There is a command to do this:

```
extract_f2(pref="dataset",
    outdir="genos",blgsize=500000,
    overwrite=T,maxmem=500,
    pops=c("Altai_Neanderthal.DG","Denisova.DG", "Finnish.DG", "Japanese.DG","Mbuti.DG", "Papuan.DG","Yoruba.DG","Chimp.REF"))
```

This function will calculate pairwise statistics only for the samples in question, and write these into new files. Nothing much to see here, though you may inspect the new directory "genos" with some binary files.

Now we load that into R:

```
f2_blocks = f2_from_precomp("genos")
```

This is a complex table with the basic statistics we need. But we want to focus on f4-statistics to see if there was admixture between some populations.
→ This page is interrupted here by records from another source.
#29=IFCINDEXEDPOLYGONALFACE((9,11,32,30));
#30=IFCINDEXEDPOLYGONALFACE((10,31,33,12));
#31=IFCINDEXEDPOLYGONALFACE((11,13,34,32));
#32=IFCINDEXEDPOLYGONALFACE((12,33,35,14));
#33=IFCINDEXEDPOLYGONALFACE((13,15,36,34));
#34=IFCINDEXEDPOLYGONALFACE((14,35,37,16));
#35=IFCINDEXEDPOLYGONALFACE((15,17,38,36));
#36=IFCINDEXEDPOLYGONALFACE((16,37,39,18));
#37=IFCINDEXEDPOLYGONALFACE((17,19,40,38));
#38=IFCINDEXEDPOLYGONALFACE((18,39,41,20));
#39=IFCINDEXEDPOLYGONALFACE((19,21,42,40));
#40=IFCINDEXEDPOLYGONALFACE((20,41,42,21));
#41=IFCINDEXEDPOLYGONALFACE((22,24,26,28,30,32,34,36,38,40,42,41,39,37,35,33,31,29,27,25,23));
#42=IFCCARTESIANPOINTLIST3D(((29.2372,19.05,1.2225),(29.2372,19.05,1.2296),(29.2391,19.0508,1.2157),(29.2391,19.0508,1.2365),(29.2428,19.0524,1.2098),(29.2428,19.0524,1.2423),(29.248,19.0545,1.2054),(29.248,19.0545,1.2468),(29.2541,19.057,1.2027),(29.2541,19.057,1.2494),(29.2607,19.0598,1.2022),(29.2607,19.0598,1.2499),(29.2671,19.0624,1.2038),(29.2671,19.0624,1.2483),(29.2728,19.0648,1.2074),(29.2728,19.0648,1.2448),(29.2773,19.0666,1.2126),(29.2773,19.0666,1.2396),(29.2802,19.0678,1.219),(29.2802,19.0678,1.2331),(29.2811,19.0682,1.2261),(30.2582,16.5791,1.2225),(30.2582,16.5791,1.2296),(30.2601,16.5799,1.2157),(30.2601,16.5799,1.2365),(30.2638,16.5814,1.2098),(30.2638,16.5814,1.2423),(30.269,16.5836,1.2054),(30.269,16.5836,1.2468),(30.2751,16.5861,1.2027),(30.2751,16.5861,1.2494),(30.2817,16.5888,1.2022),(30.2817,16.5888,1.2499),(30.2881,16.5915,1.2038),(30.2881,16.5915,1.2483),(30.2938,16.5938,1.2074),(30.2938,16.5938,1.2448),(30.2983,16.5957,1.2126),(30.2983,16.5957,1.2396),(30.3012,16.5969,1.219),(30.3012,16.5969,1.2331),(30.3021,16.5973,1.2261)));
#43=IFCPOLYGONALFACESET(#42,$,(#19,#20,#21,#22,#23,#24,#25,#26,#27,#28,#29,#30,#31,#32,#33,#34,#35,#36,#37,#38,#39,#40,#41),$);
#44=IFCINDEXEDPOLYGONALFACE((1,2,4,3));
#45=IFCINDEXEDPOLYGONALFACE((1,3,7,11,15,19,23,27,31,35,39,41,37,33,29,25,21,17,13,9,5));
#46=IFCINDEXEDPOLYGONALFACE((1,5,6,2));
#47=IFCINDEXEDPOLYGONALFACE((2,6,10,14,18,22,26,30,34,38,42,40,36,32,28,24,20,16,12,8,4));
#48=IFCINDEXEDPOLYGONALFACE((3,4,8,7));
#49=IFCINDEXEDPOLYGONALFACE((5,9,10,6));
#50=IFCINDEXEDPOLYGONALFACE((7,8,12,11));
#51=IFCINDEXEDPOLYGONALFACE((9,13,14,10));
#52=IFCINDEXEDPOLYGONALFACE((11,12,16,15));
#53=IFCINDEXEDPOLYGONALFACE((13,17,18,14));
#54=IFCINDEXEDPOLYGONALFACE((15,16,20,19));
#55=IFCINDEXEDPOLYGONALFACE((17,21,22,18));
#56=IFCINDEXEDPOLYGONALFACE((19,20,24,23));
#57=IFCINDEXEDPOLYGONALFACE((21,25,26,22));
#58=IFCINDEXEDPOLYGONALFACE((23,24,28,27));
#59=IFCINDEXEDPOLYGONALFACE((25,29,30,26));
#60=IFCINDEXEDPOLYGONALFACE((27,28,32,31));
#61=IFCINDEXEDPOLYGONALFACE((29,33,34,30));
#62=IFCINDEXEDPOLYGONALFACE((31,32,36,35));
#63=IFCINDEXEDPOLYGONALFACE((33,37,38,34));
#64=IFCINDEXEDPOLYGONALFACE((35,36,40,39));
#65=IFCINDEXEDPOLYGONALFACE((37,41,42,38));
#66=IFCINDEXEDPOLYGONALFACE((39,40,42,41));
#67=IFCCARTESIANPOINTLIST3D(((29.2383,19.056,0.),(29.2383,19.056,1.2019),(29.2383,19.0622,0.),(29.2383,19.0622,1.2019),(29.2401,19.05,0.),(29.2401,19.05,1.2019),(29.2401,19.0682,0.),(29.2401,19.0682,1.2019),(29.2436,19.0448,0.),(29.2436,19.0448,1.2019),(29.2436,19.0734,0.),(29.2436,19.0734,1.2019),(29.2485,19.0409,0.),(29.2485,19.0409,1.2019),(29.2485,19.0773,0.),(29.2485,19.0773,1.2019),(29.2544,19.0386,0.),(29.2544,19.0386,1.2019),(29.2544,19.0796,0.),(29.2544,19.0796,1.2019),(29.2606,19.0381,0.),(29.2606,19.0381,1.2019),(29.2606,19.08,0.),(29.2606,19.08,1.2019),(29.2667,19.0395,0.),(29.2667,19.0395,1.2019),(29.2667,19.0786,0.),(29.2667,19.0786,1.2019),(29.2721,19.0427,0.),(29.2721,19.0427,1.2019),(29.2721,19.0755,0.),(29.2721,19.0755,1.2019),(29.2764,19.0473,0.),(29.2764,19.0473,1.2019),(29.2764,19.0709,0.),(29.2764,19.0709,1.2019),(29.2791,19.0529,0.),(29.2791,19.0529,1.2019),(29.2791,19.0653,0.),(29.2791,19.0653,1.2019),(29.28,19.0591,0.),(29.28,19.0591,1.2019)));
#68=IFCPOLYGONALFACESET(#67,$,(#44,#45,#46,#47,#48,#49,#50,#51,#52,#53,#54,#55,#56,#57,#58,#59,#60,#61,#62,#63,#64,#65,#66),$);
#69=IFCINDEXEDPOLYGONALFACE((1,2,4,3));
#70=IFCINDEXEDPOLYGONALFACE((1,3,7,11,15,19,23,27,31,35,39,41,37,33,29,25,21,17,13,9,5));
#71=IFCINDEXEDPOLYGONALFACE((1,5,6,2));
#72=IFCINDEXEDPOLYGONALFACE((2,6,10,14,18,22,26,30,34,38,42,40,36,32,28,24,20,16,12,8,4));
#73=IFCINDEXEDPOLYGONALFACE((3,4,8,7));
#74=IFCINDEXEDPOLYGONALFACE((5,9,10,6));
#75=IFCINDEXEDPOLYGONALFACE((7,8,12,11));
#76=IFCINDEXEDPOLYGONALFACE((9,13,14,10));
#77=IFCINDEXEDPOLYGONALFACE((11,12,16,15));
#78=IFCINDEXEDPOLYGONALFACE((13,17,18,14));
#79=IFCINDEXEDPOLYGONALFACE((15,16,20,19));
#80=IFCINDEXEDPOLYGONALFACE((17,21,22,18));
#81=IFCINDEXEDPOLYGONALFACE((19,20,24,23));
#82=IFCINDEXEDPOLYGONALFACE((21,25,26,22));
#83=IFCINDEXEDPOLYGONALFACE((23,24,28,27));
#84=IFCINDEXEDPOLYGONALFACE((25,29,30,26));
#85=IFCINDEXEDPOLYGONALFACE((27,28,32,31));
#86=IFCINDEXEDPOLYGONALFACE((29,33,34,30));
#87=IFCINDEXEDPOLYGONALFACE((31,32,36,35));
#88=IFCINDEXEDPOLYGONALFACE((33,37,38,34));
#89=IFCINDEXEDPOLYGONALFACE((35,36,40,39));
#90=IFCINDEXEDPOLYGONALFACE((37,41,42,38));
So, we calculate f4-statistics.

First, let's check the f4-stats for Neanderthal introgression:

```
f4_table1<-f4(f2_blocks,pop1="Yoruba.DG", pop2=c("Finnish.DG", "Japanese.DG","Mbuti.DG", "Papuan.DG"),pop3="Altai_Neanderthal.DG", pop4="Chimp.REF")
```

What do we see here?

```
f4_table2<-f4(f2_blocks,pop1="Yoruba.DG", pop2=c("Finnish.DG", "Japanese.DG","Mbuti.DG", "Papuan.DG"),pop3="Altai_Neanderthal.DG", pop4="Denisova.DG")
```

And now look at Denisovan ancestry only:
```
f4_table3<-f4(f2_blocks,pop1="Papuan.DG", pop2=c("Finnish.DG", "Yoruba.DG","Mbuti.DG", "Japanese.DG"),pop3="Denisova.DG", pop4="Chimp.REF")
f4_table4<-f4(f2_blocks,pop1="Japanese.DG", pop2=c("Finnish.DG", "Yoruba.DG","Mbuti.DG", "Papuan.DG"),pop3="Denisova.DG", pop4="Chimp.REF")
```


## Limits of f4

There are limits of detection, some events cannot be found with f4-statistics.

![image.png](attachment:ae1195db-0ebc-4bdd-8841-d76b5f4f9e4d.png)

(Browning et al., 2018)

To understand the caveats and limitations of f-statistics and these tools (and become more critical of typical aDNA papers), one may study the (extensive) documentation:

https://uqrmaie1.github.io/admixtools/index.html

Screening the genome for introgressed fragments is a solution (last session).